Walk-Forward Backtesting

Overview

Walk-forward backtesting simulates production conditions by stepping through historical dates, generating forecasts using only data that would have been available at each origin, and comparing predictions against realized prices. This produces realistic out-of-sample accuracy metrics that reflect actual deployment performance.

Why Not Standard Train/Test Splits?

Standard machine learning evaluation (random train/test split) violates temporal causality: the model may train on future data and predict past data. For time series forecasting, this creates overly optimistic accuracy estimates.

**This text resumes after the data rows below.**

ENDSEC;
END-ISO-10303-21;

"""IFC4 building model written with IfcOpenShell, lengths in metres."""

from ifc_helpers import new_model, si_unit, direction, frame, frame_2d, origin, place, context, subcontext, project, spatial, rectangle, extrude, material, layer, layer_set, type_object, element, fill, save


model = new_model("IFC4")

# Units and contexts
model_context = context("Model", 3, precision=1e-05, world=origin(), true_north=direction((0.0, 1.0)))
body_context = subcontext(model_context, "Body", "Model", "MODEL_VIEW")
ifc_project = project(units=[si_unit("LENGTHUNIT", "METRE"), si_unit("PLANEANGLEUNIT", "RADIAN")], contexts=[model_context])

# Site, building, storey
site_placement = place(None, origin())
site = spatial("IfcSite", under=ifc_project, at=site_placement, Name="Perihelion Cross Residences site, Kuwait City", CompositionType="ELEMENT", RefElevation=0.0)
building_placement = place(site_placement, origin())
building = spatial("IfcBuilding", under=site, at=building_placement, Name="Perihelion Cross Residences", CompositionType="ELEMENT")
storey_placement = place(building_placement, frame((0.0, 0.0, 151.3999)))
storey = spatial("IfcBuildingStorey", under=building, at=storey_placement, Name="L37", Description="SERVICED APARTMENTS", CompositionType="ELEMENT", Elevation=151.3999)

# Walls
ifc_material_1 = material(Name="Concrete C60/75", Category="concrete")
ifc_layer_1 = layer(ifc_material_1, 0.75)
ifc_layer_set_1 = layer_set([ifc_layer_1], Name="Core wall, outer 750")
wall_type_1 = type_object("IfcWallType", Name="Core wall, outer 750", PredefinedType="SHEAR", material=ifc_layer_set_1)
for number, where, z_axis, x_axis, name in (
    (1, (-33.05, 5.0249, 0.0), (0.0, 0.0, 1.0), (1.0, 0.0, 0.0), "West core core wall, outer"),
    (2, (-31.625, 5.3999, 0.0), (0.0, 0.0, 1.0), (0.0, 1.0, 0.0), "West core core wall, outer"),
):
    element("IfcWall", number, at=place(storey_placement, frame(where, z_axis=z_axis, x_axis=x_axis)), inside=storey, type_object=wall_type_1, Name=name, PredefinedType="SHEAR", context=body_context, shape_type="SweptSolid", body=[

Walk-forward backtesting respects the arrow of time:

Standard split:  Random 80/20 → data leakage risk
Walk-forward:    Always train on past, predict future → no leakage

How It Works

Step 1: Define Backtest Range

Start date:  2025-06-01
End date:    2026-02-01
Step size:   1 day

Step 2: For Each Origin Date

Date: 2025-09-15, 10:00 UTC (day-ahead run)

1. Training data:  All data up to 2025-09-15 10:00
   (expanding window — all available history)

2. Train models:   DA1, DA2 horizon groups on this data

3. Predict:        D+1 prices (2025-09-16 00:00–23:00)

4. Store:          24 predictions with model_name suffix "_backtest"

Step 3: Compare with Actuals

After the backtest completes, actual prices are backfilled and metrics computed:

For each prediction:
  error = predicted_price - actual_price
  |error| → contributes to MAE
  error² → contributes to RMSE

Expanding vs Rolling Window

Expanding Window (Default)

All available history is used for training:

Origin 2025-06-01: train on 2024-01-01 to 2025-06-01
Origin 2025-09-15: train on 2024-01-01 to 2025-09-15
Origin 2026-01-01: train on 2024-01-01 to 2026-01-01

Training set grows over time, giving later origins more data. This matches production behavior where models are retrained on all available history.

Rolling Window

Only the most recent N months are used:

Window: 6 months
Origin 2025-06-01: train on 2024-12-01 to 2025-06-01
Origin 2025-09-15: train on 2025-03-15 to 2025-09-15
Origin 2026-01-01: train on 2025-07-01 to 2026-01-01

Training set size is fixed, prioritizing recent patterns over older data. Useful when market structure has changed (e.g., after a regulatory shift).

Retrain Frequency

Full model retraining is expensive, so backtests support configurable retrain schedules:

Frequency	Description	Trade-off
Daily	Retrain every origin	Most realistic, slowest
Weekly	Retrain once per week	Good balance
Monthly	Retrain once per month	Fast but less adaptive

Between retraining dates, the most recently trained model is reused.

Backtest Outputs

Prediction Records

Each backtest prediction is stored with model_name suffix _backtest:

model_name: "ensemble_backtest"
run_mode:   "dayahead"

This separates backtest results from live predictions in the database.

Aggregate Metrics

After completion, the backtest reports:

Overall MAE, RMSE, MAPE
MAE by horizon group (DA1, DA2, S1–S5)
MAE by hour of day
MAE by day of week
Skill scores vs naive baselines

Running a Backtest

A backtest is configured with a date range, run mode, and retrain frequency. The run mode controls which product is backtested:

Mode	Origin	Horizons
`dayahead`	10:00 UTC	DA1, DA2 (D+1)
`strategic`	15:00 UTC	S1–S5 (D+2–D+7)
`all`	Both	All horizon groups

Interpreting Results

Backtest MAE represents expected production accuracy under historical conditions. Key caveats:

Hindsight data quality: Historical data has been cleaned and backfilled. Production data may have more gaps and delays.
Feature availability lag: In production, some features (weather forecasts, commodity prices) may not be available at the exact origin time.
Non-stationarity: Future market conditions may differ from backtest period conditions (new regulations, plant closures, demand shifts).

Backtest results are a lower bound on expected production error. Live accuracy is typically 5–15% worse than backtest accuracy.